Member of the Florida House of Representatives from the 16th district
- In office November 7, 2000 – June 29, 2007
- Preceded by: James B. Fuller
- Succeeded by: Charles McBurney

Personal details
- Born: April 8, 1957 (age 69)
- Party: Republican
- Spouse: Mary Ciccone
- Alma mater: Florida State University (BS, JD)
- Profession: Judge in 4th Judicial Circuit

= Mark Mahon (politician) =

American politician

Mark Mahon (born April 8, 1957) is a former Representative in the House of Representatives of the U.S. state of Florida. As of July 2015, he is the Chief Judge of Florida's 4th Circuit Court. He resides in Jacksonville, Florida.

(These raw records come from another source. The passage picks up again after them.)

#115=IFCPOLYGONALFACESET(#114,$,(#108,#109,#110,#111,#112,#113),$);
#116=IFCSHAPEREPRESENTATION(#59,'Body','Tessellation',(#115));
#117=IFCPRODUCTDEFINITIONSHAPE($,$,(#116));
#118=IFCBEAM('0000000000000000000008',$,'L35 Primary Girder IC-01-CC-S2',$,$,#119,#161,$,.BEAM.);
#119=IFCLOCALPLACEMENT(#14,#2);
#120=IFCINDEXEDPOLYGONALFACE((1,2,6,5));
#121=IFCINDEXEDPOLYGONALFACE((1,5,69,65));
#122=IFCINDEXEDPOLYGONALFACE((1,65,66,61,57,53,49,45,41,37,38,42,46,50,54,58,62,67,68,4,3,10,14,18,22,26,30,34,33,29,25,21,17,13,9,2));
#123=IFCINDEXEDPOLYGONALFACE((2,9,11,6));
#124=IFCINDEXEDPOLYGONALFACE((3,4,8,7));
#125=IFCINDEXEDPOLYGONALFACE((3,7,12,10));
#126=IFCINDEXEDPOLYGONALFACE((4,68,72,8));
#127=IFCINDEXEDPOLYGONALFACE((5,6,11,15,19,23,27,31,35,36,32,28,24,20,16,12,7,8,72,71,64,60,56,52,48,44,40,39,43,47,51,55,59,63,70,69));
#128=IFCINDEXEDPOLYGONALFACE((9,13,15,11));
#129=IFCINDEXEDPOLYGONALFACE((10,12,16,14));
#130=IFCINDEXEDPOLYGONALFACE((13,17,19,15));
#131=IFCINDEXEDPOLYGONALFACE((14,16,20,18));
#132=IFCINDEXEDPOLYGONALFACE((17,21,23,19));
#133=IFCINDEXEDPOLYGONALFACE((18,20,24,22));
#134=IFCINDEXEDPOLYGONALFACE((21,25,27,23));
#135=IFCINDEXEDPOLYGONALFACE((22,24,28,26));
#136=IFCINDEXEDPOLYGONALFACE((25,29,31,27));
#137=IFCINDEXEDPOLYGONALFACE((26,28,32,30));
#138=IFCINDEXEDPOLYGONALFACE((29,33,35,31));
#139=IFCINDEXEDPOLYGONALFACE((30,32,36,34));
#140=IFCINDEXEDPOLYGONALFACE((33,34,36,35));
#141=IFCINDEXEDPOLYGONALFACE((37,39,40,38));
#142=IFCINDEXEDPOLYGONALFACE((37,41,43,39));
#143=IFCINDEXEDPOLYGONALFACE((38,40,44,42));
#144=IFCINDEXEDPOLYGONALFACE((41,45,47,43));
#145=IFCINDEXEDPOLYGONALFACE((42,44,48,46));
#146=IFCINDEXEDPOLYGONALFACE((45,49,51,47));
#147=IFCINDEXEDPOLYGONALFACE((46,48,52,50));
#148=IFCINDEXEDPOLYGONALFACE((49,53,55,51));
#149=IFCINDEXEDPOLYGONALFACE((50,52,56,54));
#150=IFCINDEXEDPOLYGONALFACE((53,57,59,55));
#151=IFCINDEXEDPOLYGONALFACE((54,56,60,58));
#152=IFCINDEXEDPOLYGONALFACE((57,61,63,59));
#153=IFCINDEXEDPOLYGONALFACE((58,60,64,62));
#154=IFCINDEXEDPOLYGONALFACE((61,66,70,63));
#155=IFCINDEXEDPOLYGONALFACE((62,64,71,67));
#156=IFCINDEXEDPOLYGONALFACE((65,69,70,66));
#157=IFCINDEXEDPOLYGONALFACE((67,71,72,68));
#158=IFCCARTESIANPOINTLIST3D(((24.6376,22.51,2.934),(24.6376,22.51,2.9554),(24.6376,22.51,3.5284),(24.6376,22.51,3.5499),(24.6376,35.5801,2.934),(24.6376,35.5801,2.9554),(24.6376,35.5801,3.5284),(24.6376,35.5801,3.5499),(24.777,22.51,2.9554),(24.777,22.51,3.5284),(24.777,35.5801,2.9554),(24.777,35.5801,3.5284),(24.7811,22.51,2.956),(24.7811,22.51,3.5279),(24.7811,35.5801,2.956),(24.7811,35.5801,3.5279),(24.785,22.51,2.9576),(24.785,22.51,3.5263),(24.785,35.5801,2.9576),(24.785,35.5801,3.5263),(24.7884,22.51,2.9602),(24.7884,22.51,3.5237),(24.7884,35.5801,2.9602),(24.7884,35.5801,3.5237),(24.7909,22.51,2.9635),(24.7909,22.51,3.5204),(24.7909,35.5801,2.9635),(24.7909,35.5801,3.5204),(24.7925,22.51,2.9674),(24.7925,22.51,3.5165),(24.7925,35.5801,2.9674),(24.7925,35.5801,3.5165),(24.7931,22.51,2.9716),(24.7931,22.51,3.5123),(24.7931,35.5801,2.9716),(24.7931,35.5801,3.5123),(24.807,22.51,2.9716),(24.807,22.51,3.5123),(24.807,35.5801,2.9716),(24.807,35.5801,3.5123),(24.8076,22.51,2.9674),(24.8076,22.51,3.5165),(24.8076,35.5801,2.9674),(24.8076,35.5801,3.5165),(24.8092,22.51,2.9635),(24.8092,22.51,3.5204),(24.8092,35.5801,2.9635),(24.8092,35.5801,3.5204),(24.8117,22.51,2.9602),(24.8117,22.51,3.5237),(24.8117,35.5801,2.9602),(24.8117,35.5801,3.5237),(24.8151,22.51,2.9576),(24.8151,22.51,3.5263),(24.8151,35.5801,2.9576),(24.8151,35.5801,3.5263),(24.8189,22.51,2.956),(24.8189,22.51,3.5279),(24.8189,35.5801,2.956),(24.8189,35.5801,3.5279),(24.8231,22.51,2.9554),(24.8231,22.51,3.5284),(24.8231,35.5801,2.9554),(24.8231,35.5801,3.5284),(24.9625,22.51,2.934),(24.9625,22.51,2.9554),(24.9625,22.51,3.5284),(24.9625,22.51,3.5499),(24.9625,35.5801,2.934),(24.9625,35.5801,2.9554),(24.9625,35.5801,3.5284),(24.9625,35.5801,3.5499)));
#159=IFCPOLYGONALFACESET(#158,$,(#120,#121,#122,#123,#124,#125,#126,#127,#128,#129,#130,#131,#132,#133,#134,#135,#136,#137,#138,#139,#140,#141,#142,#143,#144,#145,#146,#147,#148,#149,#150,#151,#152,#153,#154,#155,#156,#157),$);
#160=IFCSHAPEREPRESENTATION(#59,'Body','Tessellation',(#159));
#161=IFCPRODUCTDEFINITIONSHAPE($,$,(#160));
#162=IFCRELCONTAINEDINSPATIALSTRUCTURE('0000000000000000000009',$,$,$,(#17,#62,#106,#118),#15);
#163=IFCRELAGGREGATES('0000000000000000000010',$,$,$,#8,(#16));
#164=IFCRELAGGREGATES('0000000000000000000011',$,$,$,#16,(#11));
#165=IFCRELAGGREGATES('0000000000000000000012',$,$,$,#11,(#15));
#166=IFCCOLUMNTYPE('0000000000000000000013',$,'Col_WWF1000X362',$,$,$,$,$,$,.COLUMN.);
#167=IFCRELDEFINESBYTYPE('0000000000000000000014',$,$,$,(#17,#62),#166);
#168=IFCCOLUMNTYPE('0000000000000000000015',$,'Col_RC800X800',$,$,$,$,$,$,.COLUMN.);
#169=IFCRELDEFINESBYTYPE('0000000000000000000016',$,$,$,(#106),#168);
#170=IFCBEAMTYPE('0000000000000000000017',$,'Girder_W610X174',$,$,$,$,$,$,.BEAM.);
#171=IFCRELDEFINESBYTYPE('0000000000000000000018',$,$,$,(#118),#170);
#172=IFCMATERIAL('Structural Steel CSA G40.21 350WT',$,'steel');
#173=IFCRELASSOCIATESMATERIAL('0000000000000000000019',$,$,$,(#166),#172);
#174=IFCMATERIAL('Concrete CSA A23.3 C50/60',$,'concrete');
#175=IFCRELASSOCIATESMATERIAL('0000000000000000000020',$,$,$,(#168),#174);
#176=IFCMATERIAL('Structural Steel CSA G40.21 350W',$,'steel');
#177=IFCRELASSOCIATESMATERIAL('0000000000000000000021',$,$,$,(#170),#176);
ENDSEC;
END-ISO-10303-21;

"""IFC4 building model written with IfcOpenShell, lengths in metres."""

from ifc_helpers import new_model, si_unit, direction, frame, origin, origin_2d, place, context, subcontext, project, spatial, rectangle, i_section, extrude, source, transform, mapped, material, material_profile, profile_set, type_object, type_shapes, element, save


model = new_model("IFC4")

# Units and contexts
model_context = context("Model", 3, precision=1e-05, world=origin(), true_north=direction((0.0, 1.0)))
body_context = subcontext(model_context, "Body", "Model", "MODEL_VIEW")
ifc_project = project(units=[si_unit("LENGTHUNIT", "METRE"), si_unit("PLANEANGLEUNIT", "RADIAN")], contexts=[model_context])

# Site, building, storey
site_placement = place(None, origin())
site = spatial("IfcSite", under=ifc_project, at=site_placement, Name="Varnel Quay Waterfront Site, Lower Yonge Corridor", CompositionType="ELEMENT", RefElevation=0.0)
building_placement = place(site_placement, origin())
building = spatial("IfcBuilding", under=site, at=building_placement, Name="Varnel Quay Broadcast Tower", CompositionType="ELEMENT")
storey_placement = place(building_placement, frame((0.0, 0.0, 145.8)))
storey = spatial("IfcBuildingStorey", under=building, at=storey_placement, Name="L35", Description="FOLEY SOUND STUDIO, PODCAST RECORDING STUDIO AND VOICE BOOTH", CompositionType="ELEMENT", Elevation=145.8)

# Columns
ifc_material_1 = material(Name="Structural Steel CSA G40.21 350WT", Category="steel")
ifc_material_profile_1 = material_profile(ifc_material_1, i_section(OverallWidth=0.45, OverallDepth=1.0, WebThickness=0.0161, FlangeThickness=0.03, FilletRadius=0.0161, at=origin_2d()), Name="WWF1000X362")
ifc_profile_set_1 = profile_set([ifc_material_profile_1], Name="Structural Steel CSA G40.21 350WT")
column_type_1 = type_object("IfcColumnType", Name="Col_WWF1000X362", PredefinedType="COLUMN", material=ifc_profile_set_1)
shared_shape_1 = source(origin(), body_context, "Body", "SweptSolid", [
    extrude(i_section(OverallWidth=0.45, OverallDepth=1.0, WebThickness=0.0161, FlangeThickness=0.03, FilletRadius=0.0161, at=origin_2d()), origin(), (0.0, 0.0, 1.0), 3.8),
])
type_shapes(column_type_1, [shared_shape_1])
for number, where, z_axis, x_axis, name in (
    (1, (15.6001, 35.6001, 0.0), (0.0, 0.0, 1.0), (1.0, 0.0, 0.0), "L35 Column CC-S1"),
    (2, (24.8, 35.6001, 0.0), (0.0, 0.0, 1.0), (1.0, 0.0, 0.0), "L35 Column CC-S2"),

Mahon received his bachelor's degree from the Florida State University in 1978. In addition, he received his Juris Doctor from Florida State University in 1981. In 2007, he was appointed by governor Charlie Crist as a circuit judge for the 4th Judicial Circuit of Jacksonville, Florida. This ended his term as a Representative of the 16th District of Florida.

==Controversy==
After becoming Interim Chief Judge of Florida's 4th Circuit Court based in Jacksonville, on July 1, 2015, Mahon issued a Summary Order prohibiting photography in public places, criticism of the court and specifically "speech that ‘degrade[s] or call[s] into question the integrity’ of judges on courthouse sidewalks" of the Duval County Courthouse, a move that was denounced by lawyers and activists as unconstitutional due to violation of the First Amendment. On July 7, Mahon altered his order to drop speech prohibitions but retain prohibitions on photography from public sidewalks. On the same day, PINAC and local activists filed federal lawsuit against Mahon's order, alleging prior restraint of free speech. On July 15, Mahon rescinded the order completely after increasing media attention and criticism.